Margot Fontayne or another ballerina. I’d love to be a fantastic dancer. Or I’d be Mozart for the day, to be able to play like that.

Favourite books
I’ve just finished The Lovely Bones by Alice Sebold which I enjoyed. and I really liked The Secret History by Donna Tartt. I also love Chekhov’s short stories and Dickens.

Favourite holiday destinations
Thailand and Italy.

Favourite after-show haunts
At the moment, the Lyric Hammersmith bar, and then home.
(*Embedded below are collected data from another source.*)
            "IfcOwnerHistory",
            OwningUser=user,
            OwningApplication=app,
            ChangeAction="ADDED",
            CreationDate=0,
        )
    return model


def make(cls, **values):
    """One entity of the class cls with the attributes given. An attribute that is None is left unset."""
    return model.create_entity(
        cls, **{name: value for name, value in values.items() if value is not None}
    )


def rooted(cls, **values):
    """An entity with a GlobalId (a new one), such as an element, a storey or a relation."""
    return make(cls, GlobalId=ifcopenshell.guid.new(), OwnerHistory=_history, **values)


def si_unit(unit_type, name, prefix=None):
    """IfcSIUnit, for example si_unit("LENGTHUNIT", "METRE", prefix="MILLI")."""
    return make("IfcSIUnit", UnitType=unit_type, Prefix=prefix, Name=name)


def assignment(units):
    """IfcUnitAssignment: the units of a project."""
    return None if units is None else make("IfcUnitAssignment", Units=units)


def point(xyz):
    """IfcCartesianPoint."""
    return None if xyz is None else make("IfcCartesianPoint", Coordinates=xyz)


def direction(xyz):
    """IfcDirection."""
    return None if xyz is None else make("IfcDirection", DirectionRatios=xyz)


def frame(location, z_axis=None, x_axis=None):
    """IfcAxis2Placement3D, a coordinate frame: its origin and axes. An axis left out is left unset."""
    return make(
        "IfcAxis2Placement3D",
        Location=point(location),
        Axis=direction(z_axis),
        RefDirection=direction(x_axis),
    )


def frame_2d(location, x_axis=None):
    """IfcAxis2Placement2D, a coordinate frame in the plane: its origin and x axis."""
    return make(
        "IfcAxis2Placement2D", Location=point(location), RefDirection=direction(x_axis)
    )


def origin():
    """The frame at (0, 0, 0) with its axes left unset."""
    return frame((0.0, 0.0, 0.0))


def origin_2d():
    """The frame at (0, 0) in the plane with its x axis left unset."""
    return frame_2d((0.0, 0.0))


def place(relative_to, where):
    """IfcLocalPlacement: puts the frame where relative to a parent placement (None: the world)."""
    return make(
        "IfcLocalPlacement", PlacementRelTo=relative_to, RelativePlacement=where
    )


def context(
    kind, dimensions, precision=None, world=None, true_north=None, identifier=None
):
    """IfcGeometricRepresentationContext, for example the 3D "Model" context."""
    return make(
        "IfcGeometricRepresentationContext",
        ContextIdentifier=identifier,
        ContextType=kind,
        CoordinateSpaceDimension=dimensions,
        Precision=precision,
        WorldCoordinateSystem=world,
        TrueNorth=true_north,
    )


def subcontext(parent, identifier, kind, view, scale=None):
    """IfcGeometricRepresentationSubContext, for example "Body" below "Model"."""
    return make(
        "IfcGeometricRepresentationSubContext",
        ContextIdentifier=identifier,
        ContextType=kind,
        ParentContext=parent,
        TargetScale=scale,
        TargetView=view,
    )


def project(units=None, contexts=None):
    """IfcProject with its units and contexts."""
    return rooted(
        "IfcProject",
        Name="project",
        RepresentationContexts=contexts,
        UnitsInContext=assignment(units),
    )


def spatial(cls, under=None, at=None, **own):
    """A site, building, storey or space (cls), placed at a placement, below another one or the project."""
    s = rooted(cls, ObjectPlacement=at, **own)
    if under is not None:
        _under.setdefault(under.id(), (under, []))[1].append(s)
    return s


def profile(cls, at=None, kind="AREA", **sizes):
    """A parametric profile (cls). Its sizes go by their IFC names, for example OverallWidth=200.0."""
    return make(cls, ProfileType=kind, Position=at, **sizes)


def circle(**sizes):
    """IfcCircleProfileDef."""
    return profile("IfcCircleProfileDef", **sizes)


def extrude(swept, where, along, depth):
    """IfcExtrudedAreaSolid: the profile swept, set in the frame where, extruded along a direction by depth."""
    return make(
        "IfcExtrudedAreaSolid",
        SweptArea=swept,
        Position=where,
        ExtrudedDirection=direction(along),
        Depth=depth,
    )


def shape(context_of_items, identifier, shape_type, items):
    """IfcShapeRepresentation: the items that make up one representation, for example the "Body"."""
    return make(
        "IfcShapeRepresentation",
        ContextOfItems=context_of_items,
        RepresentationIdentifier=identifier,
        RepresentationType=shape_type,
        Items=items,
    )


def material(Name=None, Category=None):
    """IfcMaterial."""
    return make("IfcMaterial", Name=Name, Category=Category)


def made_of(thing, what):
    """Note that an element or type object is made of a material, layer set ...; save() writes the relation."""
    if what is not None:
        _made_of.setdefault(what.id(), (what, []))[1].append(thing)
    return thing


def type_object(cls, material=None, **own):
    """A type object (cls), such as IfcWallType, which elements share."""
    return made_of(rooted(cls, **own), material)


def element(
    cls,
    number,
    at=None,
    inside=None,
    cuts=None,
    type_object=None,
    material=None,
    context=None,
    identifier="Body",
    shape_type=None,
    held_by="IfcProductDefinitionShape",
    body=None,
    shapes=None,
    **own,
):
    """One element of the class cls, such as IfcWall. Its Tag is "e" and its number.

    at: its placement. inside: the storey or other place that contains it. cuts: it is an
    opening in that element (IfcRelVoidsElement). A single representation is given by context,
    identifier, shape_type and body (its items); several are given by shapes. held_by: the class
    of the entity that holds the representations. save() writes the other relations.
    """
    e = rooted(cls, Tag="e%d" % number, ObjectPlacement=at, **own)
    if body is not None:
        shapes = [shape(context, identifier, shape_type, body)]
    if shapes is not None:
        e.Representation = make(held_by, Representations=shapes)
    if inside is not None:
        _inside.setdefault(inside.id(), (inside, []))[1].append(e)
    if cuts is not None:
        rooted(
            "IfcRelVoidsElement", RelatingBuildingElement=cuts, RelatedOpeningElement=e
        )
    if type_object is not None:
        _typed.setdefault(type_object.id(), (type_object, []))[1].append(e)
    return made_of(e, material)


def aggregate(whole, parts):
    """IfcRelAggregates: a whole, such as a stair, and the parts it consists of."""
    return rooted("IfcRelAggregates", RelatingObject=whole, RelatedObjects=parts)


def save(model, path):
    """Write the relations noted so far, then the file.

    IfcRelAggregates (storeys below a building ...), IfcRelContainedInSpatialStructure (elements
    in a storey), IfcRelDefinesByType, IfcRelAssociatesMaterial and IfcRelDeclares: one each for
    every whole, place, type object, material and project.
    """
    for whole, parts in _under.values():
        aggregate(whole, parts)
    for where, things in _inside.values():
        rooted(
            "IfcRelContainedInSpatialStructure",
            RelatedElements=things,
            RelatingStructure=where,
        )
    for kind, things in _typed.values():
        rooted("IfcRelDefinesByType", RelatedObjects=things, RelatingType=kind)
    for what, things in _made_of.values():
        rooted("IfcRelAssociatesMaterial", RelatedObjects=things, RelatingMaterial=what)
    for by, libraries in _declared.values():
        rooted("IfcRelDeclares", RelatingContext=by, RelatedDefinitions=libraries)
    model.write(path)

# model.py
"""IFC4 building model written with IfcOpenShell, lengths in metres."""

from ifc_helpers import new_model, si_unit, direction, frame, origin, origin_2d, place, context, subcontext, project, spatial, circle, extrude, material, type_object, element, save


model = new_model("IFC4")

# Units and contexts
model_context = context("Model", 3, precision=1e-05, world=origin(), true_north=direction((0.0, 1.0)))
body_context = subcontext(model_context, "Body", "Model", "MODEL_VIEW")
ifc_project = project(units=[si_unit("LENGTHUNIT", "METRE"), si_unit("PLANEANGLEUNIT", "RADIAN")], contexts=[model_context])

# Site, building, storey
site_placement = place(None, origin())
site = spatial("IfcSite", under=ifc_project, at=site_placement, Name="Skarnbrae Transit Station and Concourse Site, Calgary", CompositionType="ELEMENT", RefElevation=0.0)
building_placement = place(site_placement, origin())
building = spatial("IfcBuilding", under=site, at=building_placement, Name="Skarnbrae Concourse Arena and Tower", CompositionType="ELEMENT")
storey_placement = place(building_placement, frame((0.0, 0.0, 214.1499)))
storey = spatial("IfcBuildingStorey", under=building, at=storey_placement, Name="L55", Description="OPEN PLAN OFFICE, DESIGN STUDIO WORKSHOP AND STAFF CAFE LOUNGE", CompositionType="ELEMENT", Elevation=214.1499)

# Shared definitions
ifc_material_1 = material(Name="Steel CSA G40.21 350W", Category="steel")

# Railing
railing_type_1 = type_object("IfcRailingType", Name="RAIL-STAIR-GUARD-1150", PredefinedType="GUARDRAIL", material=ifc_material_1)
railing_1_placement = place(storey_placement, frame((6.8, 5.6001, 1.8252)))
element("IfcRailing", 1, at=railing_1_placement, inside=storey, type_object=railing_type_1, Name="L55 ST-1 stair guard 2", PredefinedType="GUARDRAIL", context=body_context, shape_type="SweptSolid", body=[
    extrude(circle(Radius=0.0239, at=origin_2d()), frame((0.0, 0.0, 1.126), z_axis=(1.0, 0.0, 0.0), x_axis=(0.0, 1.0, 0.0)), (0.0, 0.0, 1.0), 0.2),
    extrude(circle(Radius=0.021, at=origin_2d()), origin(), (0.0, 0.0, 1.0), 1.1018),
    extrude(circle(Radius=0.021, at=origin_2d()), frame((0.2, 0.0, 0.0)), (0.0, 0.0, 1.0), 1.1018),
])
If you hadn’t become an actor what would you have done professionally? Would you have joined the family ice cream business?
No way. I don’t eat much ice cream, but the best is vanilla with an espresso over the top. I don’t know what I’d have done. Perhaps been a teacher or a therapist, and I’d probably be bad at both.

Why did you want to accept the lead in Camille?
I admire David (McVicar) and Neil (Bartlett) and they both asked me. Also, after eight years away from theatre, I thought it was time to be terrified again. I have had stage fright in the past, but so far so good this time round.

What are the difficulties in playing a courtesan?

It’s hard because she was very classy and only 25. I’m playing her older, but she looked very innocent and like a lady, and the difficulty is not playing her as a lady – trying to find a way in. I’m starting to realise she hates what she does but she’s stuck in it and can’t get out.

Do you think attitudes to prostitution have changed since Camille was written?
Camille lived in a very liberated society in terms of prostitution. They were well-kept women not hookers on the Seine. Men go to prostitutes now and they went then, but whether attitudes have changed I don’t know. That’s a hard one to answer.

What do you think it is about Camille that makes it such an enduring love story?

Because it’s an impossible love. You can’t expect a man to accept his lover being with other men and she’s in such terrible debt, there’s no way out. She’s surging through her life and wants to live every minute. It’s a tragic and vital story.

What are the best things about touring?
I haven’t toured for ages, but being with a company and in different cities is great. There’s no one you know in the audience so it’s nice and anonymous. It also appeals to the gypsy sensibility most actors have.

What’s the funniest thing that happened in rehearsal?
The director found a wheelchair in the rehearsal room on the first day and didn’t get out of it for four weeks. Also my co-star farting on stage. It’s not audible, but its odorous and he’s been warned not to or he’ll be in trouble!

What are your plans for the future?

I’ll probably collapse after this! I’ll take a holiday, and I’m trying to get a ball together to raise money for Oxfam in Scotland so I’ll be doing that during the day.

Daniela Nardini was speaking to Hannah Khalil


Camille runs at London’s Lyric Hammersmith from 11 March to 12 April 2003 (following previews from 6 March), then tours until 24 May, visiting Bath, Newcastle, Glasgow, Malvern, Blackpool and Oxford.